If you want a seat at this joint you had better like Setter hair. 

*twosetters with a portion of his pack.*









This Summer twosetters and his wife whelped a nice litter of future bird finders and one of them was in camp this weekend.
Here is 5 month old Cooper.
He's going to be a big boy and a handful, we nicknamed him Cujo before the sun ever set on night one.

*Cooper*









Brad J's place is across the drive and he came over for some Setter lovin' and some laughs(and some adult beverages).










We did do some hunting.
I got a quick hunt in Friday on the way up, I concentrated on swamp grass edges like this and really young aspen with white grass(that's what I call it) through out.
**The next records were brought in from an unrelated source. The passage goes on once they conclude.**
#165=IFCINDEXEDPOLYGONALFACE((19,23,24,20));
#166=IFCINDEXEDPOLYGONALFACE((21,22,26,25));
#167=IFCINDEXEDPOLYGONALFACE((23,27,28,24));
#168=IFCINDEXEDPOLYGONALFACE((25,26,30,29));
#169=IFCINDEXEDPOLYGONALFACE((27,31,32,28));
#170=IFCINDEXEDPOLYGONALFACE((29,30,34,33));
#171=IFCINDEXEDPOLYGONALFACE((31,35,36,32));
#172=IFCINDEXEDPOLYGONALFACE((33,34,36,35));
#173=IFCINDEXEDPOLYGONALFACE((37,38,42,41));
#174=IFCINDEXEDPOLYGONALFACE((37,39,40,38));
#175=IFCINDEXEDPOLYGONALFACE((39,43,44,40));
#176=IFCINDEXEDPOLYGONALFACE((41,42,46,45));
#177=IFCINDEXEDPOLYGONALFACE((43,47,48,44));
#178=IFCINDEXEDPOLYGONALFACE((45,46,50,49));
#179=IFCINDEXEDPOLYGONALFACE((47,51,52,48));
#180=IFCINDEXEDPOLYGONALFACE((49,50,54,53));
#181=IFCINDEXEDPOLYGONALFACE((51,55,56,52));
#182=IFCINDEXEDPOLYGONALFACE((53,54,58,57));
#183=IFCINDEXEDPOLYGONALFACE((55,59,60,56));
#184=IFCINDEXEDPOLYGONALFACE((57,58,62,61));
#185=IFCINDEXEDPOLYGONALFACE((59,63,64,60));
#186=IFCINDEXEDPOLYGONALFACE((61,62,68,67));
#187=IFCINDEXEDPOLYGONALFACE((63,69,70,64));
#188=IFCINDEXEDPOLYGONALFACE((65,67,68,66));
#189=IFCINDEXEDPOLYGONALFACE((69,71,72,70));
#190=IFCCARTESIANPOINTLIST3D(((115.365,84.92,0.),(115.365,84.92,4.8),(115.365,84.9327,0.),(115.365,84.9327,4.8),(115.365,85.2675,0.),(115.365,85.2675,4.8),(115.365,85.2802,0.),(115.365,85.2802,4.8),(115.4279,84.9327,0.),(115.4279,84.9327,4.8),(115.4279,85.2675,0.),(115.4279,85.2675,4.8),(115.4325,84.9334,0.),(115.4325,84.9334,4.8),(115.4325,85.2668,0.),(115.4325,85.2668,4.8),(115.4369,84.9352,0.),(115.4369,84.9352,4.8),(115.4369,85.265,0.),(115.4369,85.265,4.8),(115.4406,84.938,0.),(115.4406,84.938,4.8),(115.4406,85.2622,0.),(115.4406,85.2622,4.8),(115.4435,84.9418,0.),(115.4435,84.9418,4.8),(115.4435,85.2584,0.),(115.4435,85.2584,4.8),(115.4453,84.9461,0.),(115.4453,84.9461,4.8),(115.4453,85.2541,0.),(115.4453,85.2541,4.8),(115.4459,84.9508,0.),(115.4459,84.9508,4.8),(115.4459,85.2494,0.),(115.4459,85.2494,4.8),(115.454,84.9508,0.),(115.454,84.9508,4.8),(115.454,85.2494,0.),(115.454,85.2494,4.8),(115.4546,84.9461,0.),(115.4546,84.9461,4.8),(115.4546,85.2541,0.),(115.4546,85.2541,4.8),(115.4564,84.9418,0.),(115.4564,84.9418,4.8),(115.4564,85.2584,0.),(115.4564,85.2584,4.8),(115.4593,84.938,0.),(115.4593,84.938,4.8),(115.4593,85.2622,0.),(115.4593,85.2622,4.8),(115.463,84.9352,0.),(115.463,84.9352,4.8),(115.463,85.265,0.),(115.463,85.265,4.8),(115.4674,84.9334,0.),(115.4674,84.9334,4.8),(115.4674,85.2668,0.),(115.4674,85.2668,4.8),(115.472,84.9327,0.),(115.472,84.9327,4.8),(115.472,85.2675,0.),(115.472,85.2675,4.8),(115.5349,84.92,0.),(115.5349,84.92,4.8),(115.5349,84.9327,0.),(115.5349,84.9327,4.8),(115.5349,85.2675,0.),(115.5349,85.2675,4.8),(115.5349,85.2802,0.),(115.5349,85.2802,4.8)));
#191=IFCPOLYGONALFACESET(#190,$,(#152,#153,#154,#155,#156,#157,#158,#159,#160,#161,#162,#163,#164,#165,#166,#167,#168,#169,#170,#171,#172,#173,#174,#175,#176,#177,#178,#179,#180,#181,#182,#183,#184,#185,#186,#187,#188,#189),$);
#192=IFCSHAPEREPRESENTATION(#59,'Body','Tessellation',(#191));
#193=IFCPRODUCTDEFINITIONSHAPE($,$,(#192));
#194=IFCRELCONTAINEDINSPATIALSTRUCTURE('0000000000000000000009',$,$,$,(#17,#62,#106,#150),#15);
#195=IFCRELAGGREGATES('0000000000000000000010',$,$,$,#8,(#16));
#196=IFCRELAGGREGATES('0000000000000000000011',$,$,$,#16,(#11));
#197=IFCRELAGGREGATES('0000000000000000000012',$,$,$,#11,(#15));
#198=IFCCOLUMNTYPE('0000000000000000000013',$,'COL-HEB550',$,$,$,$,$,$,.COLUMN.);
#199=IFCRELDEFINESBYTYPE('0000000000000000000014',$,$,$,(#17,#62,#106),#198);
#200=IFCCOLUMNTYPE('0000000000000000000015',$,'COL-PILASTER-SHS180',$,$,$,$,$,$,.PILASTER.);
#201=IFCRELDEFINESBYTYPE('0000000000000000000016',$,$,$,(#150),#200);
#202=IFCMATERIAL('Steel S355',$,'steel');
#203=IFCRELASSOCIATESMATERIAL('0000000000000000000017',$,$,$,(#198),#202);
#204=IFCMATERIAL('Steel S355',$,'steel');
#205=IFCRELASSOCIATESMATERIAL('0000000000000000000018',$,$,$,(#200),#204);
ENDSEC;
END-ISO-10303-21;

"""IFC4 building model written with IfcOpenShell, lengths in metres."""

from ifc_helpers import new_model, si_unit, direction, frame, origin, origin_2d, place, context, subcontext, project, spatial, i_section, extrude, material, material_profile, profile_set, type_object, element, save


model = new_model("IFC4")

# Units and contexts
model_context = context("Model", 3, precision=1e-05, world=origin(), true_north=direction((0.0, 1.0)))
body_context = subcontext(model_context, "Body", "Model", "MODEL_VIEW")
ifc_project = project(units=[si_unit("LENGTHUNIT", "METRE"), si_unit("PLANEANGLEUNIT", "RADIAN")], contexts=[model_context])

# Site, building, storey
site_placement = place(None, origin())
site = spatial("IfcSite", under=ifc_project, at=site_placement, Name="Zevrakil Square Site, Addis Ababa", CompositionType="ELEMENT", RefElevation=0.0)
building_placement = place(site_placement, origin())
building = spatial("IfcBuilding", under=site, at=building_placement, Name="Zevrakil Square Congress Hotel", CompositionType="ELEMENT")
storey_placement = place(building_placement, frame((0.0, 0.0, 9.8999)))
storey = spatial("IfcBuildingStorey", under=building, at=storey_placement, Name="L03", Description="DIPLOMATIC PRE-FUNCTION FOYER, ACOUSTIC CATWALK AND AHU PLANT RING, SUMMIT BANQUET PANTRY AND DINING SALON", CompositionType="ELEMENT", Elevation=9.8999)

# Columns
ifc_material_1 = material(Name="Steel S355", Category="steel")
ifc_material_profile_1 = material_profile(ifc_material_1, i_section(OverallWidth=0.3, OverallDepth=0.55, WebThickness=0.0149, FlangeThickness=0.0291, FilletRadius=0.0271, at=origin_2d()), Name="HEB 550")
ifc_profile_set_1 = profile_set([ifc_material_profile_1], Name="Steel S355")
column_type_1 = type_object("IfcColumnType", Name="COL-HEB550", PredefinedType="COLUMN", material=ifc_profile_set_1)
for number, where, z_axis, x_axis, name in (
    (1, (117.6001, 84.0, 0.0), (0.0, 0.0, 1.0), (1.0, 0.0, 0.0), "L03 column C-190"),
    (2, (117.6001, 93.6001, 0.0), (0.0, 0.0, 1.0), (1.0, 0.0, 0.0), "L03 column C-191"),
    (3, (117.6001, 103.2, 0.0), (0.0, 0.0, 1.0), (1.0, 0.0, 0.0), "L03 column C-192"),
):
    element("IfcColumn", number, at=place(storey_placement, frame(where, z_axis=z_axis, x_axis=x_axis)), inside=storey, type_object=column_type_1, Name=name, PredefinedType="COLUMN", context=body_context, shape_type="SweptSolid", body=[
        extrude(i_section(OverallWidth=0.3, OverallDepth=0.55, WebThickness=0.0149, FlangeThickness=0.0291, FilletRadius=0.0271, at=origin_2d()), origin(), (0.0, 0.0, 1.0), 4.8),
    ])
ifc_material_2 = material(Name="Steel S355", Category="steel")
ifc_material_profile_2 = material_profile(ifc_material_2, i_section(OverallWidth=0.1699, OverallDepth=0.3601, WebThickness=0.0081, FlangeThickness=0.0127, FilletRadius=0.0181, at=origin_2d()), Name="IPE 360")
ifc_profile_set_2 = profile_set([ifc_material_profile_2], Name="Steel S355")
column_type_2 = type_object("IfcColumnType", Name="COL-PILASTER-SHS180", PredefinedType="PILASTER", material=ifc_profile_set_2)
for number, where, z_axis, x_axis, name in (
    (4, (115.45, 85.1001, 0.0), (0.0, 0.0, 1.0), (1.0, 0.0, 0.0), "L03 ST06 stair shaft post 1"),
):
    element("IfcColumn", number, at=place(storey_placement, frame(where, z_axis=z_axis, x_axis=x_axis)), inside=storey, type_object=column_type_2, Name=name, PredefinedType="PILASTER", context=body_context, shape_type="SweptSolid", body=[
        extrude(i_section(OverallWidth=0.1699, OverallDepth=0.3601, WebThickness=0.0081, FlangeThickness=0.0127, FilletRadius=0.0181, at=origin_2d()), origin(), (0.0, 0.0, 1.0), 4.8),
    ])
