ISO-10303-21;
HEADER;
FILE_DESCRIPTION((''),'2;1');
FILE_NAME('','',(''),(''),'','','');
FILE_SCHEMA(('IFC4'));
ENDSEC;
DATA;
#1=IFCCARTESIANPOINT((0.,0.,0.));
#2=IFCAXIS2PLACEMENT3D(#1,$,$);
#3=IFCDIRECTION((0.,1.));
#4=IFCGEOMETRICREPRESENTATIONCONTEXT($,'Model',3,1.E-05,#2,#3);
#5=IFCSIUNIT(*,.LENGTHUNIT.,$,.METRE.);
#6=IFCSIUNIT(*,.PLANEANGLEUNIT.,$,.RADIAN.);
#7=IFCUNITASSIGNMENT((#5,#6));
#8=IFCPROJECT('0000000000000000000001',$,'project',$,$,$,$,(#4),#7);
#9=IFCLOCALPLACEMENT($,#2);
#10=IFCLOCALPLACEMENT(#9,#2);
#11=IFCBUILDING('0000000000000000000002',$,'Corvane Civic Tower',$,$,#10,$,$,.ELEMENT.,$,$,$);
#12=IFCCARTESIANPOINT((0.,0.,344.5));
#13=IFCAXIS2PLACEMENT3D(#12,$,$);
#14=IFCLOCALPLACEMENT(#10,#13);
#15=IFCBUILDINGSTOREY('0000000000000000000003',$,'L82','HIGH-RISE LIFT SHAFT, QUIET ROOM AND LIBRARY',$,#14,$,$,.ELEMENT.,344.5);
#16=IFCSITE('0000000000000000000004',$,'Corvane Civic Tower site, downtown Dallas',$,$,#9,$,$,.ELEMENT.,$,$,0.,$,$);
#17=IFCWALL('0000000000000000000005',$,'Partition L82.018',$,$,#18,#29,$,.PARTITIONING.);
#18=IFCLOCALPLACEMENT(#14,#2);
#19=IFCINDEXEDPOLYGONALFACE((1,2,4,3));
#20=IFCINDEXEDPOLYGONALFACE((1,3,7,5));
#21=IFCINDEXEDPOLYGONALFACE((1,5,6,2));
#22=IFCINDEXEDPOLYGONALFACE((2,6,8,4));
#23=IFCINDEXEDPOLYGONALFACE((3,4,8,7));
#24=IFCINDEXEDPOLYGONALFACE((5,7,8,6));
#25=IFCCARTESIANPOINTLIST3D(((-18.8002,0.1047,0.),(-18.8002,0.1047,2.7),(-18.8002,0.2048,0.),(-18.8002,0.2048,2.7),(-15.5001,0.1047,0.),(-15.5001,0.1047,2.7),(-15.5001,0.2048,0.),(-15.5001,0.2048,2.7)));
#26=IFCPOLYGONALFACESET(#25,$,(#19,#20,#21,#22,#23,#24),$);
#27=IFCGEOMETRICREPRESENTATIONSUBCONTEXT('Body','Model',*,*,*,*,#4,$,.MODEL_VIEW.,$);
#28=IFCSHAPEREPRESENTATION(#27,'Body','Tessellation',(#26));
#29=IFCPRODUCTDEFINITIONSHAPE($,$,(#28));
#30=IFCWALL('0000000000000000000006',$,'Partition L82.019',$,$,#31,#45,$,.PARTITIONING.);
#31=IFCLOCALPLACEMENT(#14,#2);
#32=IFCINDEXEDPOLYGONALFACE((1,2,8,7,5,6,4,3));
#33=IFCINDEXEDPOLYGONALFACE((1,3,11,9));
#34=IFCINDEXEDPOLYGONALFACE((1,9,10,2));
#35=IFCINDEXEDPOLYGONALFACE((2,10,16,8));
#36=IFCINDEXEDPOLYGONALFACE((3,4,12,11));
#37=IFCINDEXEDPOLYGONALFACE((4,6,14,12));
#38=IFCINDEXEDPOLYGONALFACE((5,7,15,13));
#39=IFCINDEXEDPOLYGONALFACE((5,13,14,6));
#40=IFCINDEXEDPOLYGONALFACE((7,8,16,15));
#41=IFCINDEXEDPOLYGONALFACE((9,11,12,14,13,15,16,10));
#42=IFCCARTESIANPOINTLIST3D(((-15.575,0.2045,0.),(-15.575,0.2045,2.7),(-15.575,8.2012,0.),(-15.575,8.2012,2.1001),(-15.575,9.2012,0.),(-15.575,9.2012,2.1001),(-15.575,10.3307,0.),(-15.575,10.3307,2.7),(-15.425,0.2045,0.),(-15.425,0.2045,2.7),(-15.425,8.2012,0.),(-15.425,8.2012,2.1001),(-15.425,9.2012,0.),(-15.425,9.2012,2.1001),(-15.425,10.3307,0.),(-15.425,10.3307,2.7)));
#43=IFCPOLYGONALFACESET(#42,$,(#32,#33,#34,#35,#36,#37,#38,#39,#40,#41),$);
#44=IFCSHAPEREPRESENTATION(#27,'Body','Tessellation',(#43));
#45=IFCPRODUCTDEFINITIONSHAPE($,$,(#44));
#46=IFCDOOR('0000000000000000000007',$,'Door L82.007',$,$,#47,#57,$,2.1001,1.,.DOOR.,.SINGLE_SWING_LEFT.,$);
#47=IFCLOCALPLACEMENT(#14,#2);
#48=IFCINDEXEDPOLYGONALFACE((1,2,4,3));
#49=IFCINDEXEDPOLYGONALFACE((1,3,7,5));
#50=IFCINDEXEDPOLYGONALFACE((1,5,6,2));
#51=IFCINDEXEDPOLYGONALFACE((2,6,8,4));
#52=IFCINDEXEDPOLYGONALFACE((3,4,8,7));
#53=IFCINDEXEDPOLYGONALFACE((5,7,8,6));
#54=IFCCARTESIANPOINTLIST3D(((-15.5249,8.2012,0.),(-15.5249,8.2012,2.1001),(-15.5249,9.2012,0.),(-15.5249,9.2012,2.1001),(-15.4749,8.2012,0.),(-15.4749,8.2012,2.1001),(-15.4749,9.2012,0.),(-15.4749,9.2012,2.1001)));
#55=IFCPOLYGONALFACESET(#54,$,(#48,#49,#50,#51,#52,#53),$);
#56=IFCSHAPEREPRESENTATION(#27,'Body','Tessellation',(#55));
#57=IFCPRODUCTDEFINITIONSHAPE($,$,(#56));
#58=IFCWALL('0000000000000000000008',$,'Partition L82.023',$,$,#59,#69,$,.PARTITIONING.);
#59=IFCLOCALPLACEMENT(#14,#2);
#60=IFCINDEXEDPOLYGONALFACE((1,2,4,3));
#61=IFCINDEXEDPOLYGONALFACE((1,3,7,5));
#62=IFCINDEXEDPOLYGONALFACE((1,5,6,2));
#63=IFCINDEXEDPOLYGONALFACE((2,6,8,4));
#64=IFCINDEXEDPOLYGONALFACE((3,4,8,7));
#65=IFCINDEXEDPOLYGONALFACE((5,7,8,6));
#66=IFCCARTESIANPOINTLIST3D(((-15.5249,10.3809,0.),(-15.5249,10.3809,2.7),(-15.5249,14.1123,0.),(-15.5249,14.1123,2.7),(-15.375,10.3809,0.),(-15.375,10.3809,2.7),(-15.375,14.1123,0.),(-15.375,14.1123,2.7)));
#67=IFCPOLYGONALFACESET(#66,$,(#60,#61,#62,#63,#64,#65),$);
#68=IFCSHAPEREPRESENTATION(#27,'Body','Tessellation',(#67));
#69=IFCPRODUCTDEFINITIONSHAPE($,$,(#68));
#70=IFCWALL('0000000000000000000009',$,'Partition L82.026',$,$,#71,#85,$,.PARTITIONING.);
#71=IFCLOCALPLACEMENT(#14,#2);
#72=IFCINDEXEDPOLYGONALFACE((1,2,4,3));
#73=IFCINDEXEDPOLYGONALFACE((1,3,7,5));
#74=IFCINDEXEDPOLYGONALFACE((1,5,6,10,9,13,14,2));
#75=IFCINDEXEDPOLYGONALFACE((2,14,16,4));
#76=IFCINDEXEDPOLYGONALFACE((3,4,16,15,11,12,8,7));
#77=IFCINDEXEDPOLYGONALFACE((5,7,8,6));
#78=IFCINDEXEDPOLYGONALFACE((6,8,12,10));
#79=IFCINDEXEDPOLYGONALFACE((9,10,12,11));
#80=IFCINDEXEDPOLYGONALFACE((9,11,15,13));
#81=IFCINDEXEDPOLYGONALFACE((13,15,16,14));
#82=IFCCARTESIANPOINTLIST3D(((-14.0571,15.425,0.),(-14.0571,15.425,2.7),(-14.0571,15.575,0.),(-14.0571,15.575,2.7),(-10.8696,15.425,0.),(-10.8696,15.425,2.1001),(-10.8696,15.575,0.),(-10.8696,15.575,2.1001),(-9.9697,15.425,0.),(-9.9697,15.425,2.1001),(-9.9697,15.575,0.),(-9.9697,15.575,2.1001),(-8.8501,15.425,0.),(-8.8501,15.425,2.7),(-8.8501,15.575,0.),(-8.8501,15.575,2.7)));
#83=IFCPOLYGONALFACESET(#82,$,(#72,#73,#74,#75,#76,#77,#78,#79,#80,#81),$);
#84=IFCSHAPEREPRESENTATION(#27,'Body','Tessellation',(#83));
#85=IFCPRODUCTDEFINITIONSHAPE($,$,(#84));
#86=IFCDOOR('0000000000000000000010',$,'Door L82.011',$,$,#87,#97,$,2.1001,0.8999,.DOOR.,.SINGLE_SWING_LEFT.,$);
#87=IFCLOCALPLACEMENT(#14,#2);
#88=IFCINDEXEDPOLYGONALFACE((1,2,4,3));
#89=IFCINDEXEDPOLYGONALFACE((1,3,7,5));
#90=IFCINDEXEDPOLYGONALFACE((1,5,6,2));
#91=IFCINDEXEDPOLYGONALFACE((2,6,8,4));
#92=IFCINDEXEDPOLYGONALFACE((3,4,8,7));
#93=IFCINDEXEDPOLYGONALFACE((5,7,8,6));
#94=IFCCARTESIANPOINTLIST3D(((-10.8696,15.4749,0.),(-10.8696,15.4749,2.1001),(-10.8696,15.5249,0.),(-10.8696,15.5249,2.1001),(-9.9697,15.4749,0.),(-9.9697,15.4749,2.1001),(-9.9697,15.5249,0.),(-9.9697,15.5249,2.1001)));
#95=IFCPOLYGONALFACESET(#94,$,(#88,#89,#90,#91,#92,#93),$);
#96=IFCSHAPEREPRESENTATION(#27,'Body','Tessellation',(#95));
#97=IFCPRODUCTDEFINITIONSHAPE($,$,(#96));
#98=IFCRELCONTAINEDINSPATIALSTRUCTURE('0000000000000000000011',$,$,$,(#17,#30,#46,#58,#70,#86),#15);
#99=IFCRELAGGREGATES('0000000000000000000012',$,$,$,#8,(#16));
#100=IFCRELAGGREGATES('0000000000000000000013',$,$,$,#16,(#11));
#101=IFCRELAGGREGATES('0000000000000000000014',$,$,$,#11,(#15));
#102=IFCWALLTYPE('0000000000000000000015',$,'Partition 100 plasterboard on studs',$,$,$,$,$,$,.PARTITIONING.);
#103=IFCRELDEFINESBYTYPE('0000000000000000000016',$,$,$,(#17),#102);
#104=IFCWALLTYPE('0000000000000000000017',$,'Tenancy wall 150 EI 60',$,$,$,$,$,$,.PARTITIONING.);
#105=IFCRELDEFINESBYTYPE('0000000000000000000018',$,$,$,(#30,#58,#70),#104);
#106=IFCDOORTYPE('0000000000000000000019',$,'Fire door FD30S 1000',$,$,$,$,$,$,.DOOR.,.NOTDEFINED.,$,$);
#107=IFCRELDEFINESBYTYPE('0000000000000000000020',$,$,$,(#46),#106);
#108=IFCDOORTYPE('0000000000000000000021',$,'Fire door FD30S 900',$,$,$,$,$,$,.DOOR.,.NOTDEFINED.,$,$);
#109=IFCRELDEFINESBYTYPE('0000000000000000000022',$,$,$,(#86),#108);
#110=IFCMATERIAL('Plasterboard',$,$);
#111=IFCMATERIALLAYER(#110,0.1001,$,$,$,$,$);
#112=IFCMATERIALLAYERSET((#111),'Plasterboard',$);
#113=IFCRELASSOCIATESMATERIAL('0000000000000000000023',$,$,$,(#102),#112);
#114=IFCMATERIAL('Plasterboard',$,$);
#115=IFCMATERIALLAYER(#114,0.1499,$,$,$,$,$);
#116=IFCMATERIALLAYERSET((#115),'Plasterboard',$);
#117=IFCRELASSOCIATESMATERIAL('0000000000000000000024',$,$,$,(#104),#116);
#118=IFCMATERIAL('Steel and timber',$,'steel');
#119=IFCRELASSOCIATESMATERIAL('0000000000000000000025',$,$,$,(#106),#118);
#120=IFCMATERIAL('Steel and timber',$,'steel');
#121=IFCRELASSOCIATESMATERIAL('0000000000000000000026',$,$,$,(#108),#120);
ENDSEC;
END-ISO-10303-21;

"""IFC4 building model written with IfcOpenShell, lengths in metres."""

from ifc_helpers import new_model, si_unit, direction, frame, frame_2d, origin, place, context, subcontext, project, spatial, rectangle, extrude, material, layer, layer_set, type_object, element, fill, save


model = new_model("IFC4")

# Units and contexts
model_context = context("Model", 3, precision=1e-05, world=origin(), true_north=direction((0.0, 1.0)))
body_context = subcontext(model_context, "Body", "Model", "MODEL_VIEW")
ifc_project = project(units=[si_unit("LENGTHUNIT", "METRE"), si_unit("PLANEANGLEUNIT", "RADIAN")], contexts=[model_context])

# Site, building, storey
site_placement = place(None, origin())
site = spatial("IfcSite", under=ifc_project, at=site_placement, Name="Corvane Civic Tower site, downtown Dallas", CompositionType="ELEMENT", RefElevation=0.0)
building_placement = place(site_placement, origin())
building = spatial("IfcBuilding", under=site, at=building_placement, Name="Corvane Civic Tower", CompositionType="ELEMENT")
storey_placement = place(building_placement, frame((0.0, 0.0, 344.5)))
storey = spatial("IfcBuildingStorey", under=building, at=storey_placement, Name="L82", Description="HIGH-RISE LIFT SHAFT, QUIET ROOM AND LIBRARY", CompositionType="ELEMENT", Elevation=344.5)

# Wall
ifc_material_1 = material(Name="Plasterboard")
ifc_layer_1 = layer(ifc_material_1, 0.1001)
ifc_layer_set_1 = layer_set([ifc_layer_1], Name="Plasterboard")
wall_type_1 = type_object("IfcWallType", Name="Partition 100 plasterboard on studs", PredefinedType="PARTITIONING", material=ifc_layer_set_1)
wall_1_placement = place(storey_placement, frame((-18.8, 0.1548, 0.0), z_axis=(0.0, 0.0, 1.0), x_axis=(1.0, 0.0, 0.0)))
element("IfcWall", 1, at=wall_1_placement, inside=storey, type_object=wall_type_1, Name="Partition L82.018", PredefinedType="PARTITIONING", context=body_context, shape_type="SweptSolid", body=[
    extrude(rectangle(XDim=3.3, YDim=0.1001, at=frame_2d((1.6499, 0.0))), origin(), (0.0, 0.0, 1.0), 2.7),
])

# Wall, opening, door
ifc_material_2 = material(Name="Plasterboard")
ifc_layer_2 = layer(ifc_material_2, 0.1499)
ifc_layer_set_2 = layer_set([ifc_layer_2], Name="Plasterboard")
wall_type_2 = type_object("IfcWallType", Name="Tenancy wall 150 EI 60", PredefinedType="PARTITIONING", material=ifc_layer_set_2)
wall_2_placement = place(storey_placement, frame((-15.5, 0.2046, 0.0), z_axis=(0.0, 0.0, 1.0), x_axis=(0.0, 1.0, 0.0)))
wall_2 = element("IfcWall", 2, at=wall_2_placement, inside=storey, type_object=wall_type_2, Name="Partition L82.019", PredefinedType="PARTITIONING", context=body_context, shape_type="SweptSolid", body=[
    extrude(rectangle(XDim=10.1262, YDim=0.1499, at=frame_2d((5.063, 0.0))), origin(), (0.0, 0.0, 1.0), 2.7),
])
opening_1_placement = place(wall_2_placement, frame((7.9966, 0.0, 0.0)))
opening_1 = element("IfcOpeningElement", 3, at=opening_1_placement, cuts=wall_2, PredefinedType="OPENING", context=body_context, shape_type="SweptSolid", body=[
    extrude(rectangle(XDim=1.0, YDim=2.1001, at=frame_2d((0.5, 1.05))), frame((0.0, 0.085, 0.0), z_axis=(0.0, -1.0, 0.0), x_axis=(1.0, 0.0, 0.0)), (0.0, 0.0, 1.0), 0.1699),
])
ifc_material_3 = material(Name="Steel and timber", Category="steel")
door_type_1 = type_object("IfcDoorType", Name="Fire door FD30S 1000", OperationType="NOTDEFINED", PredefinedType="DOOR", material=ifc_material_3)
door_1_placement = place(opening_1_placement, origin())
door_1 = element("IfcDoor", 4, at=door_1_placement, inside=storey, type_object=door_type_1, Name="Door L82.007", OperationType="SINGLE_SWING_LEFT", OverallHeight=2.1001, OverallWidth=1.0, PredefinedType="DOOR", context=body_context, shape_type="SweptSolid", body=[
    extrude(rectangle(XDim=1.0, YDim=2.1001, at=frame_2d((0.5, 1.05))), frame((0.0, 0.0249, 0.0), z_axis=(0.0, -1.0, 0.0), x_axis=(1.0, 0.0, 0.0)), (0.0, 0.0, 1.0), 0.05),
])
fill(opening_1, door_1)

# Wall
wall_3_placement = place(storey_placement, frame((-15.45, 10.3809, 0.0), z_axis=(0.0, 0.0, 1.0), x_axis=(0.0, 1.0, 0.0)))
element("IfcWall", 5, at=wall_3_placement, inside=storey, type_object=wall_type_2, Name="Partition L82.023", PredefinedType="PARTITIONING", context=body_context, shape_type="SweptSolid", body=[
    extrude(rectangle(XDim=3.7314, YDim=0.1499, at=frame_2d((1.8657, 0.0))), origin(), (0.0, 0.0, 1.0), 2.7),
])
Not a terribly productive walk but good to get the hounds back into the woods after 3 weeks away and a week on the Kansas prairie.
Saturday was fruitful. A beautiful day to be in the woods of northern Michigan. Overcast, very little wind, and in the upper 20's all day long.
My Setter had a good day starting with our first spot, here's a grouse find after I had one in the bag already at about 9:30am. This bird got away clean as I tried to slip forward for a better picture. Just one more step....whrrrrrr.......:rant: 

*Jack with a grouse find*









I shot well......well except for the third barrel bird to end my day:bloos:









If this was the end of my season it was a nice way to wrap it up. Real world responsibilities are screaming in my ear right now after almost 3 months of focus on chasing brown feathered rockets and following the nose of a birddog.
Thanks to all that walked the uplands with me this season I enjoyed every minute of it and hope to meet up again with you all when the leaves turn golden in 2011.


----------



## Steelheadfred (May 4, 2004)

Great Report Scott.

I got out Friday afternoon for what could be it, we got a solid 6 today and there is snow forcasted everyday for the next 10.

She is some kind of special to me at least.


----------



## Lucky Dog (Jul 4, 2004)

Nice pictures.

Yes it was a great weekend to be out. The birds seemed to be holding tighter than usual. No / little snow in my area made for some easy walking.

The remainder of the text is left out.